The Linux “Completely Fair Scheduler” Ben Nayer – Kalamazoo College CS430 Operating Systems

Introduction Starting with release 2.6.23, the Linux kernel has included a new scheduler, replacing the “O(1) Scheduler” which was previously used. The new, so-called “Completely Fair Scheduler” was a major departure from the previous model, and is much simpler. Both the O(1) Scheduler and CFS were developed by Ingo Molnar.

O(1) Background Briefly – the scheduler maintained two runqueues for each CPU, with a priority linked list for each priority level (140 total). Tasks are enqueued into the corresponding priority list. The scheduler only needs to look at the highest priority list to schedule the next task. Assigns timeslices for each task. Had to track sleep times, process interactivity, etc.

Okay, maybe not briefly... Two runqueues per CPU, I said...one active, one expired. If a process hasn't used its entire timeslice, it's on the active queue; if it has, it's expired. Tasks are swapped between the two as needed. Timeslice and priority are recalculated when a task is swapped. If the active queue is empty, they swap pointers, so the empty one is now the expired queue.

Last one, I promise! The first 100 priority lists are for real-time tasks, the last 40 are for user tasks. User tasks can have their priorities dynamically adjusted, based on their dependency. (I/O or CPU) Better for SMP than previous schedulers; each CPU has its own queue, and its own lock. Previously, if one CPU was picking a task, it locked the queue, and made other CPUs wait.

The Completely Fair Scheduler CFS cuts out a lot of the things previous versions tracked – no timeslices, no sleep time tracking, no process type identification... Instead, CFS tries to model an “ideal, precise multitasking CPU” – one that could run multiple processes simultaneously, giving each equal processing power. Obviously, this is purely theoretical, so how can we model it?

CFS, continued We may not be able to have one CPU run things simultaneously, but we can measure how much runtime each task has had and try and ensure that everyone gets their fair share of time. This is held in the vruntime variable for each task, and is recorded at the nanosecond level. A lower vruntime indicates that the task has had less time to compute, and therefore has more need of the processor. Furthermore, instead of a queue, CFS uses a Red- Black tree to store, sort, and schedule tasks.
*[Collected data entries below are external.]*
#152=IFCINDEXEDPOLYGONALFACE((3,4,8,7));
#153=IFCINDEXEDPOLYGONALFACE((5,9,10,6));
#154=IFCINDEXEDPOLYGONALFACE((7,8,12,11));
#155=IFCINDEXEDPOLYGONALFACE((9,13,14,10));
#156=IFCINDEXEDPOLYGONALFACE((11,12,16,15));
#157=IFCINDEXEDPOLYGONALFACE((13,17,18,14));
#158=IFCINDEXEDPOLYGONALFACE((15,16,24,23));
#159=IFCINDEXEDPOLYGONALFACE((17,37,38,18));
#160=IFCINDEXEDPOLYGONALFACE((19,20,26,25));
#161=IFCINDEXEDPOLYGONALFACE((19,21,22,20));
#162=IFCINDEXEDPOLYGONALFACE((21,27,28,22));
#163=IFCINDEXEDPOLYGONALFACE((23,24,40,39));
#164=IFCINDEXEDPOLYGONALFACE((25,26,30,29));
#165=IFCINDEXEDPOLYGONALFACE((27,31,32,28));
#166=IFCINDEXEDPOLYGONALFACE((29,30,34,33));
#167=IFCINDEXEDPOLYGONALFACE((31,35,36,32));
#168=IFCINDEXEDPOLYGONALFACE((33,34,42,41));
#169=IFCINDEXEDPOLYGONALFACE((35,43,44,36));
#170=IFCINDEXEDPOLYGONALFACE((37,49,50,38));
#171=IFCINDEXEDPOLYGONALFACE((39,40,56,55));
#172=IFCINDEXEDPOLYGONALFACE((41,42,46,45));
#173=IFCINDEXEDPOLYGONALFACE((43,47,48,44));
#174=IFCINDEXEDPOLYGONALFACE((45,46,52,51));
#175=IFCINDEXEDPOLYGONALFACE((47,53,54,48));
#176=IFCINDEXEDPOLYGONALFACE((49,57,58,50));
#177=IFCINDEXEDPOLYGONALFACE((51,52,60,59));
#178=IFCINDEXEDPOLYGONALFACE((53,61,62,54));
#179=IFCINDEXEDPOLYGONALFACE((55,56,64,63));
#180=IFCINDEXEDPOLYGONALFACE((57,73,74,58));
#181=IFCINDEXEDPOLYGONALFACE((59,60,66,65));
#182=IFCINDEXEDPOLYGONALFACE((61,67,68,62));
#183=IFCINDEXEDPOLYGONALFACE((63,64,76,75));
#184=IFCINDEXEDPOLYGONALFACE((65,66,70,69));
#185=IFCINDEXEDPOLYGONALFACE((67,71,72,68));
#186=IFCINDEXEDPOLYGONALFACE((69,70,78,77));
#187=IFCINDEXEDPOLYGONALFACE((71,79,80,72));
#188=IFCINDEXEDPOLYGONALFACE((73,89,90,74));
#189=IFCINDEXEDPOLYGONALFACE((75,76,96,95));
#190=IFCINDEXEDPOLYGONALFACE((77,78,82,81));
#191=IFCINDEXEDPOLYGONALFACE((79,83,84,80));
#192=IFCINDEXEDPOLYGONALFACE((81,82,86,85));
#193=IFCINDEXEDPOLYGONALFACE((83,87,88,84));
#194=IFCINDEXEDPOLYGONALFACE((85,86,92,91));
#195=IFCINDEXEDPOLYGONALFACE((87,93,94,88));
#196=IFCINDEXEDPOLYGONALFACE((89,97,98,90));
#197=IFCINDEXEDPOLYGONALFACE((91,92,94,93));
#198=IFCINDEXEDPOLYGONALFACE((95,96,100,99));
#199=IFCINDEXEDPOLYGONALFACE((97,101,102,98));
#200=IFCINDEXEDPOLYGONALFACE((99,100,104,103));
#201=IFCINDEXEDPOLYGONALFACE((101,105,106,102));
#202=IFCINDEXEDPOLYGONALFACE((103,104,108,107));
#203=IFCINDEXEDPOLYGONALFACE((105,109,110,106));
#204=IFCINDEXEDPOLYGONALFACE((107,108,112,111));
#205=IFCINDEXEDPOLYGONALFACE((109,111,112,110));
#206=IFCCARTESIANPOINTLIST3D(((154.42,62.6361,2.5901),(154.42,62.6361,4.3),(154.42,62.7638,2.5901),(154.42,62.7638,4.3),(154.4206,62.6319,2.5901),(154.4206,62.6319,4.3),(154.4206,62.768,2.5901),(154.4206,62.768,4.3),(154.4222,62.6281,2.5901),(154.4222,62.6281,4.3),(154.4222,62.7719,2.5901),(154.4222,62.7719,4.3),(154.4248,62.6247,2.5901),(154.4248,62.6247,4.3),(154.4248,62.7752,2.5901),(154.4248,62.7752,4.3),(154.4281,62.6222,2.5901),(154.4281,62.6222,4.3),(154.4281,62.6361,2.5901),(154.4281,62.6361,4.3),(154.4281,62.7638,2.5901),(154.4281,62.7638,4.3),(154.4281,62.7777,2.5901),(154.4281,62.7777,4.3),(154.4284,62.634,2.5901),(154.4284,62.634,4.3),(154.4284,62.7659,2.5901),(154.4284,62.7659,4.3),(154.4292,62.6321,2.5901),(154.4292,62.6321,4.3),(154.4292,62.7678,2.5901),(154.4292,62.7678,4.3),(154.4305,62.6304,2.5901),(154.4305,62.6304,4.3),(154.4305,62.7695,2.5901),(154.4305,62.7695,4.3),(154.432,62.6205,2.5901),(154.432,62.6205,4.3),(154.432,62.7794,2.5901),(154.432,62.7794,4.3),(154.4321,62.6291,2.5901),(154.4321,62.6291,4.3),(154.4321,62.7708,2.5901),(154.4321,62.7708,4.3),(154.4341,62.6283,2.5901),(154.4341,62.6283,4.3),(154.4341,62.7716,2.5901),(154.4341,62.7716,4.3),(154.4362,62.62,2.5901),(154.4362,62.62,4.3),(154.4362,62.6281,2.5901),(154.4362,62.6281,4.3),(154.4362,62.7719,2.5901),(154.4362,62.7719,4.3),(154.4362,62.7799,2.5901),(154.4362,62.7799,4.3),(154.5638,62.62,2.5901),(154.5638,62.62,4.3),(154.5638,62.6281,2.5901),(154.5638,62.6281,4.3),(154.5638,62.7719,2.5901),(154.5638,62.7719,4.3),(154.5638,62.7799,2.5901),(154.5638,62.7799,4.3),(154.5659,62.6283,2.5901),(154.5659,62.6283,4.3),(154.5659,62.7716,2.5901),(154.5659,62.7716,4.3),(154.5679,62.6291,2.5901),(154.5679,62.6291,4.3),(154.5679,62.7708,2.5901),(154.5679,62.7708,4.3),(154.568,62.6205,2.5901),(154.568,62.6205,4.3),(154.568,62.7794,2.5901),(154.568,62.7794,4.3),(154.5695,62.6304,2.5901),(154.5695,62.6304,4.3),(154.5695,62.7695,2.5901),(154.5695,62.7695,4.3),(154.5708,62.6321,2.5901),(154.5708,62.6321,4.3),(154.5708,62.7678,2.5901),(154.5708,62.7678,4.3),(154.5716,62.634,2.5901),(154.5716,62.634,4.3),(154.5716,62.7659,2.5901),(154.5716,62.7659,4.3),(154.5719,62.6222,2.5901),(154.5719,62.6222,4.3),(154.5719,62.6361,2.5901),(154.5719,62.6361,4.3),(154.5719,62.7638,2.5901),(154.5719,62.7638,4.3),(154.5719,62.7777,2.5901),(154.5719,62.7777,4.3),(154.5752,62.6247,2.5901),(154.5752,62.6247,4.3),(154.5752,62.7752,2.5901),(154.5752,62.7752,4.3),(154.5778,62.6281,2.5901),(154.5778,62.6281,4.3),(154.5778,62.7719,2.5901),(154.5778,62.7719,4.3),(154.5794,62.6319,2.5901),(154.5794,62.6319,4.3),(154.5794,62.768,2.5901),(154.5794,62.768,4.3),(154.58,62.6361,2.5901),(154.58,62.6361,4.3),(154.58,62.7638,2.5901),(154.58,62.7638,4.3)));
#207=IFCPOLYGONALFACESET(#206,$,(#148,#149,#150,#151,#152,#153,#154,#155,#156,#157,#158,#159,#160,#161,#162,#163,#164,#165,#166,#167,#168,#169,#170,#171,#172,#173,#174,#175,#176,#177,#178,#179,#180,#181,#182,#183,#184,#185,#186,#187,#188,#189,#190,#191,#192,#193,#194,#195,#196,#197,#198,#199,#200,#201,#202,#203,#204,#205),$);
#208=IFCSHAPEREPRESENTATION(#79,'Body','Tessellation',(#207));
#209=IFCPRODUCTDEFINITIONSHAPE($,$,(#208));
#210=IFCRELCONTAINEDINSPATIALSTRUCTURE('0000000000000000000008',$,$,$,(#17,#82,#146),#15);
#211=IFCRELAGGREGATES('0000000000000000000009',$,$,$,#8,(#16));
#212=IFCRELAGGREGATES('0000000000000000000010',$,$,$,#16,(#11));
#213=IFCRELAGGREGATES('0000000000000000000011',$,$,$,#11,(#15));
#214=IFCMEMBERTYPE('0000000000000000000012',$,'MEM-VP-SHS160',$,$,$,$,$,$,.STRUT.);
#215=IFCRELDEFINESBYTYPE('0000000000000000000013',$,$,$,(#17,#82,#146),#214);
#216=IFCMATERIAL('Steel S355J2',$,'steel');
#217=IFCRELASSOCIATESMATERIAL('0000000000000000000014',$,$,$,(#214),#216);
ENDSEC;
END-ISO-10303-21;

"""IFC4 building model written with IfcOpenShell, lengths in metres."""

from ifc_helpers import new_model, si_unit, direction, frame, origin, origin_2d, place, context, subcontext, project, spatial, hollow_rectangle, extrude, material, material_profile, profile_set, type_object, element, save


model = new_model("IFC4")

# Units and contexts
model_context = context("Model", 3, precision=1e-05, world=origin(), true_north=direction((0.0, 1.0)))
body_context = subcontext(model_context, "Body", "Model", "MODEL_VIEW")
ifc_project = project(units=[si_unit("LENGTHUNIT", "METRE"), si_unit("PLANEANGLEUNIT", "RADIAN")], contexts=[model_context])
RB Trees A red-black tree is a binary search tree, which means that for each node, the left subtree only contains keys less than the node's key, and the right subtree contains keys greater than or equal to it. A red-black tree has further restrictions which guarantee that the longest root-leaf path is at most twice as long as the shortest root-leaf path. This bound on the height makes RB Trees more efficient than normal BSTs. Operations are in O(log n) time.
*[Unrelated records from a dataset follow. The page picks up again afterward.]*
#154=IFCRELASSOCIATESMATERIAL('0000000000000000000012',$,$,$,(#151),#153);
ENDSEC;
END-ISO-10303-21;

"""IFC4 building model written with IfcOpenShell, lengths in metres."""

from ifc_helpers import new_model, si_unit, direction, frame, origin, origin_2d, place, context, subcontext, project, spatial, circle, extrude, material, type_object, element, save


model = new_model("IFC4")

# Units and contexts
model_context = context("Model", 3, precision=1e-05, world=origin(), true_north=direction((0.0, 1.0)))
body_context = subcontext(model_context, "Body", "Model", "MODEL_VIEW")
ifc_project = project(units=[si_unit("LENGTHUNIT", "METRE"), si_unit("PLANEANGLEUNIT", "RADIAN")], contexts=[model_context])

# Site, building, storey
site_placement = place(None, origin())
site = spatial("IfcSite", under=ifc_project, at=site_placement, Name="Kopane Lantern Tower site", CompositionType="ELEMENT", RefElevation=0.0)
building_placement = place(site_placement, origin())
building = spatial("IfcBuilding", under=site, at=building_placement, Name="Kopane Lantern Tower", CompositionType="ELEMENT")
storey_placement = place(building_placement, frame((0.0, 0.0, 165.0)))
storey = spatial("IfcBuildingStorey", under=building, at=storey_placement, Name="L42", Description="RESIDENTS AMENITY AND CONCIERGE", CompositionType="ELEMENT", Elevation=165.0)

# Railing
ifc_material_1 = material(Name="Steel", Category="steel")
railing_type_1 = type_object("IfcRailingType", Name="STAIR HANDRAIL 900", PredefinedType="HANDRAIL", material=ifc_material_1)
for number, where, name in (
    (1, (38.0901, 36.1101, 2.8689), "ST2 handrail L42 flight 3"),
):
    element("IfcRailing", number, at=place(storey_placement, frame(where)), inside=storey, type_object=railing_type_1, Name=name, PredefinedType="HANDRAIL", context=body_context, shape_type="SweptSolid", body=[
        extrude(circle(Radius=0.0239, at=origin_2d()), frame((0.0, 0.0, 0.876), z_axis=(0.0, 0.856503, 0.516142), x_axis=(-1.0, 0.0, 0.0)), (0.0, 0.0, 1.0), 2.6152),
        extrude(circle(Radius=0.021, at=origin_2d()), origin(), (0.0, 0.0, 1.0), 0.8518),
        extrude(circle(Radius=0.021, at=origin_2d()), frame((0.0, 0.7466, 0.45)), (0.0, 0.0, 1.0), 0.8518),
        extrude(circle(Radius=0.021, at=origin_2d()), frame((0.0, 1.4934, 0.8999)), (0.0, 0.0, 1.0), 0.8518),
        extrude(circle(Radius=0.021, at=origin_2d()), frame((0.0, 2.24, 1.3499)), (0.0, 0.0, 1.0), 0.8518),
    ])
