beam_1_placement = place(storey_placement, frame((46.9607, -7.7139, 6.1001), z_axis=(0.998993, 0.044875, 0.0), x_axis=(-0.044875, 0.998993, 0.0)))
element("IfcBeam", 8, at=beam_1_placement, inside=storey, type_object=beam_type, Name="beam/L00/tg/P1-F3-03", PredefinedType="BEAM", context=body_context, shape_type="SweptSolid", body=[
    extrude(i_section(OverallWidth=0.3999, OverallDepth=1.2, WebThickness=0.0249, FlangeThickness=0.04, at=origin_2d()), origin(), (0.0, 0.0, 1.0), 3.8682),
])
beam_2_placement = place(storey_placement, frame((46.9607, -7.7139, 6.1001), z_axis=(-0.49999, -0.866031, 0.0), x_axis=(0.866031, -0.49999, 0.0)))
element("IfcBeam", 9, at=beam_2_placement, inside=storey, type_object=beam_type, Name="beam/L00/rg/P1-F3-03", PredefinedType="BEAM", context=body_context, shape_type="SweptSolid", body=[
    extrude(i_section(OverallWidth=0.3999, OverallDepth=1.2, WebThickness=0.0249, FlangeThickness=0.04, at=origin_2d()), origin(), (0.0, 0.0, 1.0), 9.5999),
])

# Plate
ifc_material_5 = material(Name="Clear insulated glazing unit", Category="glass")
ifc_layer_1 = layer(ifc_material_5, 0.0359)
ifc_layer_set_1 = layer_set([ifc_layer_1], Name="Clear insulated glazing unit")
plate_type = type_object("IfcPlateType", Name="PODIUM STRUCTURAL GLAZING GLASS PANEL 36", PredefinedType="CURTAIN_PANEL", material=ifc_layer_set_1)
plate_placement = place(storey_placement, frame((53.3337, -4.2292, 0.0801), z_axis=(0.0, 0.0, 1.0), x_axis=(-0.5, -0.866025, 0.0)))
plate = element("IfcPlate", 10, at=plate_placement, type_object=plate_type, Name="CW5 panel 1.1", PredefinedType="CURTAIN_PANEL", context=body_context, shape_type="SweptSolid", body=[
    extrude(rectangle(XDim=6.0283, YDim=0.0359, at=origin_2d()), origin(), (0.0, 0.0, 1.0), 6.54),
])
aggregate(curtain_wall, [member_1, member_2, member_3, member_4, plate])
The CFS Tree The key for each node is the vruntime of the corresponding task. To pick the next task to run, simply take the leftmost node. http://www.ibm.com/developerworks/linux/library/l-completely-fair-scheduler/

VRuntime tracking The primary code modification I made was to have the scheduler printk the vruntime of the next task when it picks a new one. What do you think we should see? An aside: Originally, instead of tracking the vruntime, CFS tracked the wait time of a task, when it was not running; it decreased when a task was running. The goal was to keep it as close to 0 for all tasks as possible.

Digging in – CFS Data Structures CFS has three primary structures – task_struct, sched_entity, and cfs_rq. task_struct is the top-level entity, containing things such as task priorities, scheduling class, and the sched_entity struct. (sched.h, L1117) sched_entity includes a node for the RB tree and the vruntime statistic, among others. (sched.h, L1041) cfs_rq contains the root node, task group (more on this later), etc. (sched.c, L424) Let's take a look...

Priorities and more While CFS does not directly use priorities or priority queues, it does use them to modulate vruntime buildup. In this version, priority is inverse to its effect – a higher priority task will accumulate vruntime more slowly, since it needs more CPU time. Likewise, a low-priority task will have its vruntime increase more quickly, causing it to be preempted earlier. “Nice” value – lower value means higher priority. Relative priority, not absolute...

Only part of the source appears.